I often hear from men incarcerated in the Attica Correctional Facility, located in my home state of New York. Attica was the site of one of the largest prison uprisings in history. Fifty-three years ago, the men of Attica declared to the world, “We are men, we are not beasts and will not be treated as such.” These words are a fitting indictment of America’s racism and America’s prison system—the living legacies of slavery. Many of the men I work with in Attica speak of the same fears and hopelessness that permeated the plantation fields of the antebellum South.

I am reminded of one of the world’s most famous abolitionists, Harriett Tubman. When speaking to a women’s suffrage convention in 1896, she said, “I was the conductor of the Underground Railroad for eight years, and I can say what most conductors can’t say—I never ran my train off the track and I never lost a passenger.” In today’s abolitionist movement, we lose “passengers” every year, many of whom are tireless advocates for freedom who nevertheless die behind bars. But to leave anyone behind on purpose—to say that some people are incapable of transformation or unworthy of human rights and freedoms—is unthinkable.  

At the time she gave this speech, Tubman was living in Auburn, New York—home to the Auburn Correctional Facility, another of the country’s oldest prisons. It is located just two hours east of Attica. Just six years before she gave this address, Auburn became the site of the world’s first execution by electric chair. It was billed as a reform—the “humane” alternative to hanging. 
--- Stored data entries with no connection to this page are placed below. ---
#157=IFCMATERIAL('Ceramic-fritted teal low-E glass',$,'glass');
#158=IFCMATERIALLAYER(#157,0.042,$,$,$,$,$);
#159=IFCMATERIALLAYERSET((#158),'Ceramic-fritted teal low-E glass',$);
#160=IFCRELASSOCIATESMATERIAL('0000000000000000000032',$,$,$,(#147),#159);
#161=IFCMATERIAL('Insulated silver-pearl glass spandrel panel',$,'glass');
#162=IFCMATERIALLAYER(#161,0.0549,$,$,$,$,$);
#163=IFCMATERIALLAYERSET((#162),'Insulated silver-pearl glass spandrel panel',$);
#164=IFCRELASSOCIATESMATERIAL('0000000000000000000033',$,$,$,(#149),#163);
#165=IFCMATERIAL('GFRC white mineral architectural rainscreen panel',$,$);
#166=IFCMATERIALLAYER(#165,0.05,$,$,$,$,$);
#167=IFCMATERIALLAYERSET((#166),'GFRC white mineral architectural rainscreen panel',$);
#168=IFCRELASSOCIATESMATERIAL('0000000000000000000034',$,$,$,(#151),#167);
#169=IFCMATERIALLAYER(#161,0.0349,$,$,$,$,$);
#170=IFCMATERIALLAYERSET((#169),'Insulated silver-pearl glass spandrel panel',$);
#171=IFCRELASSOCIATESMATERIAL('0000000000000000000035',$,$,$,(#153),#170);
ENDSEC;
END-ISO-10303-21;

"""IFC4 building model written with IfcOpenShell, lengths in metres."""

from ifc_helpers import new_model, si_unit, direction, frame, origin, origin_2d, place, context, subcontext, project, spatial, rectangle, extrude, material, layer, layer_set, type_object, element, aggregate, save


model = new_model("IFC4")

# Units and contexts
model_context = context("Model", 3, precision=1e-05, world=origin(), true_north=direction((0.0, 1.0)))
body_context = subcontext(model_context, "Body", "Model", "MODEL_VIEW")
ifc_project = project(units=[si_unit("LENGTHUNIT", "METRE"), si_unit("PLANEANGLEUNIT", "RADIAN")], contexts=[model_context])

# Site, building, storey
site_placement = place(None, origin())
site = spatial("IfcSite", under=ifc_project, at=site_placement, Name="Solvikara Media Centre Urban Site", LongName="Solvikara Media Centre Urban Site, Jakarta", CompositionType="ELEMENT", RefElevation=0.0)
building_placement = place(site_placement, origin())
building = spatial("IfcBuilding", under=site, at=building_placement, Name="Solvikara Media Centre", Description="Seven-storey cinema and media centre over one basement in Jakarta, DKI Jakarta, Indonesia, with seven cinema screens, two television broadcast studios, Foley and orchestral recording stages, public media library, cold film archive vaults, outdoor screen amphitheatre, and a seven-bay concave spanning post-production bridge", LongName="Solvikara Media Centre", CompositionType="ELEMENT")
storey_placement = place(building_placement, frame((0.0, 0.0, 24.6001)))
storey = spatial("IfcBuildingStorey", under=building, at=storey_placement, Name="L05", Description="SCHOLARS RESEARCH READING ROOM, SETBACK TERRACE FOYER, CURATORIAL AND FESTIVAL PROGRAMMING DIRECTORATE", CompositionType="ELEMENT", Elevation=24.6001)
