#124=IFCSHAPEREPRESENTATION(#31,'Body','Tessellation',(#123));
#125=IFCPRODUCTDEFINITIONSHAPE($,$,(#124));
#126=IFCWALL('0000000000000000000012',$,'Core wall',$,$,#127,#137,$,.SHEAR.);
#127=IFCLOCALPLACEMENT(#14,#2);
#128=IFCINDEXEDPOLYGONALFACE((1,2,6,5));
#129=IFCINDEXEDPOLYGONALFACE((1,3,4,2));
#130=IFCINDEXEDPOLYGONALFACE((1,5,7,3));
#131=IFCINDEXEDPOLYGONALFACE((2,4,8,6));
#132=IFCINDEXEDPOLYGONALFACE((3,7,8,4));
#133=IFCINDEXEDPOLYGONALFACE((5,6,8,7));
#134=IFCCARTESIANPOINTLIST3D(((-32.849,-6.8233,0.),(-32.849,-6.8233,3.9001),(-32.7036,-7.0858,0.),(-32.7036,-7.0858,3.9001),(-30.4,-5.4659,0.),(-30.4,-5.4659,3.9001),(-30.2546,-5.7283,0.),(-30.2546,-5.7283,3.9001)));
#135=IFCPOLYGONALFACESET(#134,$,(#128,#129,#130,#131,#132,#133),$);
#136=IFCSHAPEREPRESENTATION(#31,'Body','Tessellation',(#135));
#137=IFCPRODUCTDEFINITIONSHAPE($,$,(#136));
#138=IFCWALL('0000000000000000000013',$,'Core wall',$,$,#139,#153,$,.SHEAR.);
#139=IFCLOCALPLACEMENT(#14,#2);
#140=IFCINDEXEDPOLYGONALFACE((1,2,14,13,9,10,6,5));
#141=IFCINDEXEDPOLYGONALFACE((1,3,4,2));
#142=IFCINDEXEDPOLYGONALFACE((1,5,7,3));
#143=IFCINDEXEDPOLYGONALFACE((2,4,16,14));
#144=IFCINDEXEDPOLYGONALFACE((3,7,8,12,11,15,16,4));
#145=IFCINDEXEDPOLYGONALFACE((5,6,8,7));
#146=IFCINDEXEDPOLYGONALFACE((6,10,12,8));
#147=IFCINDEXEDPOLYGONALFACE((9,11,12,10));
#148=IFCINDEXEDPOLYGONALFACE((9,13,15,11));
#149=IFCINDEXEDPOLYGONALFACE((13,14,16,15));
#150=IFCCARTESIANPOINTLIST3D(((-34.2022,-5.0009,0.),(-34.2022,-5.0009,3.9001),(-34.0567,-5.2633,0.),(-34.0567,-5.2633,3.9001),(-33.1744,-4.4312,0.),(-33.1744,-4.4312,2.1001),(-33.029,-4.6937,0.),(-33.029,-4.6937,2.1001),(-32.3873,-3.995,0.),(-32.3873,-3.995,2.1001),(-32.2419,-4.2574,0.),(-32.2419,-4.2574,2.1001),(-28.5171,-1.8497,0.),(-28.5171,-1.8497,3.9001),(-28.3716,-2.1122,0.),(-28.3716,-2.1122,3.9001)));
On this Juneteenth, I join those calling on all of us to take up the unfinished struggle of the original abolitionists. The dangers of simply reforming the policies of the present are too great. It is time to unequivocally abandon the idea that putting human beings in cages or in bondage can somehow serve society. 

We may not know exactly what a world without cages and shackles will look like, nor do we know exactly how to get there. But it is past time to stop building solitary cells and electric chairs simply because we refuse to believe something else is possible. Our communities and our futures deserve better, and together we can get there.